Paul-René-Léon Ginain (5 October 1825, Paris - 7 March 1898, Paris) was a French architect.

== Life and works ==
He studied with Louis-Hippolyte Lebas at the École des Beaux-Arts. After having won the Prix de Rome in 1852, he stayed at the Villa Médicis in Rome from 1853 to 1857.

As the official Architect of the City of Paris, he was in charge of the 6th Arrondissement. He was also a professor at the École. His notable students there include Emmanuel Masqueray and Ferdinand Dutert. In 1881, he was elected to the Académie des Beaux-Arts, where he took Seat #3 for architecture, succeeding Hector-Martin Lefuel (deceased).

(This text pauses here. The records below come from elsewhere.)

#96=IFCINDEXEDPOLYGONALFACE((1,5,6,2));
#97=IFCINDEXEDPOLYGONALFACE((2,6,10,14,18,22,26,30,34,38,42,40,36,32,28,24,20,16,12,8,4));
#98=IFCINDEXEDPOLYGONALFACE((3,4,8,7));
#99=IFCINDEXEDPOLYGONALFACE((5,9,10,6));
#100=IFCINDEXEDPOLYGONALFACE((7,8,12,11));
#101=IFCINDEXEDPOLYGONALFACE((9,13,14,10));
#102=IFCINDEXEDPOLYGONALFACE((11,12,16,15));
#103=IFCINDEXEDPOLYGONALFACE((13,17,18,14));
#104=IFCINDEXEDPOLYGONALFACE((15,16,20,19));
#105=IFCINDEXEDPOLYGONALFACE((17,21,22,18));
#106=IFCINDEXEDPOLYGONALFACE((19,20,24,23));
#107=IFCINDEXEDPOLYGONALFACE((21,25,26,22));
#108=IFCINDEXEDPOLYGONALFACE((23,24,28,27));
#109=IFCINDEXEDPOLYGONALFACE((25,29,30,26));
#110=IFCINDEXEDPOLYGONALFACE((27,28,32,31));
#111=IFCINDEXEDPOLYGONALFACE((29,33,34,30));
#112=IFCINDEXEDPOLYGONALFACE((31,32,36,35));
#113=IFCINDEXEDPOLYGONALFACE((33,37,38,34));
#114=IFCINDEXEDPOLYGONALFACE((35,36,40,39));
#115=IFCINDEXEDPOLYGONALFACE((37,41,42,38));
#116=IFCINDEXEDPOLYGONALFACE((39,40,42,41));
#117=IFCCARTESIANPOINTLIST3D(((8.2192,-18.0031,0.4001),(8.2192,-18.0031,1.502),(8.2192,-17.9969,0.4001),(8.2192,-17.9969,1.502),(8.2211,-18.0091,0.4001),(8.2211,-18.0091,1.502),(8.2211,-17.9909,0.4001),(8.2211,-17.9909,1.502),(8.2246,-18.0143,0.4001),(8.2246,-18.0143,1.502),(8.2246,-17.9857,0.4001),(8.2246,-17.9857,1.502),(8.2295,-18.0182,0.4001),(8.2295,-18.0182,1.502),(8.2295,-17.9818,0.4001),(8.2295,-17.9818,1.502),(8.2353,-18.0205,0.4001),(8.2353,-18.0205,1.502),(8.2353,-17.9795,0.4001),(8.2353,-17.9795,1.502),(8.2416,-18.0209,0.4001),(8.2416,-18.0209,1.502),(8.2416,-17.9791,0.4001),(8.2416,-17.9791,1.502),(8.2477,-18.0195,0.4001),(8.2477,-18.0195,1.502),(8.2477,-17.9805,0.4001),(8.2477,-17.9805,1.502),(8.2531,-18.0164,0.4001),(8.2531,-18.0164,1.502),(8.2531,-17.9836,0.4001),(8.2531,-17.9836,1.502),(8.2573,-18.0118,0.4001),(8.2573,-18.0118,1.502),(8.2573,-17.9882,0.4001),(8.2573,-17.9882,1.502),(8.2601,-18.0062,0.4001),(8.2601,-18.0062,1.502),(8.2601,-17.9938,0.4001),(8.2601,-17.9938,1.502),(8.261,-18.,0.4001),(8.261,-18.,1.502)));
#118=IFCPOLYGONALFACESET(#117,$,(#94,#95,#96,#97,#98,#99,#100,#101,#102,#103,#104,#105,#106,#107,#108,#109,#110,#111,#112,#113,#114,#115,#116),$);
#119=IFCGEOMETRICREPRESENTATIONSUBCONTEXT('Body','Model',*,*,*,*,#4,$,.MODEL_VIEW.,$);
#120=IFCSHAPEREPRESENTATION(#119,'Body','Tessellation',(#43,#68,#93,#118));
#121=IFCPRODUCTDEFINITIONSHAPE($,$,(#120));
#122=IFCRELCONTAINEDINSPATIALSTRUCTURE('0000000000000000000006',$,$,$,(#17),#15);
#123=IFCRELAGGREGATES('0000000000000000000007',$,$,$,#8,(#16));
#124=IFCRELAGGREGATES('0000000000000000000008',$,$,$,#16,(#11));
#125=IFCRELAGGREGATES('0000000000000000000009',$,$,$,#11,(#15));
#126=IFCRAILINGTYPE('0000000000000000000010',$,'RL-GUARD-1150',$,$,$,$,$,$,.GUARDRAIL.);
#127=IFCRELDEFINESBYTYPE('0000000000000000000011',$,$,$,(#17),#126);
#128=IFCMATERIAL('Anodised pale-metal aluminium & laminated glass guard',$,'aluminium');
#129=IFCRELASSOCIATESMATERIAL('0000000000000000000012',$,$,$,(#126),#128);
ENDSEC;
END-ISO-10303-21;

Between 1867 and 1876, together with Gustave Eiffel and Eugène Bonté, he worked on rebuilding the church of Notre-Dame-des-Champs, which had been destroyed during the Revolution. In 1878, he was commissioned by Maria Brignole Sale De Ferrari to build the Ferrari Hospice for retired domestic workers, in Clamart, a project which occupied him for ten years. Shortly after, she also commissioned him to design the Palais Galliera and supervise its construction, which would occupy him until 1894.

He was initially interred at the Cimetière de Montmartre, but his remains were transferred to the Cimetière du Montparnasse in 1911.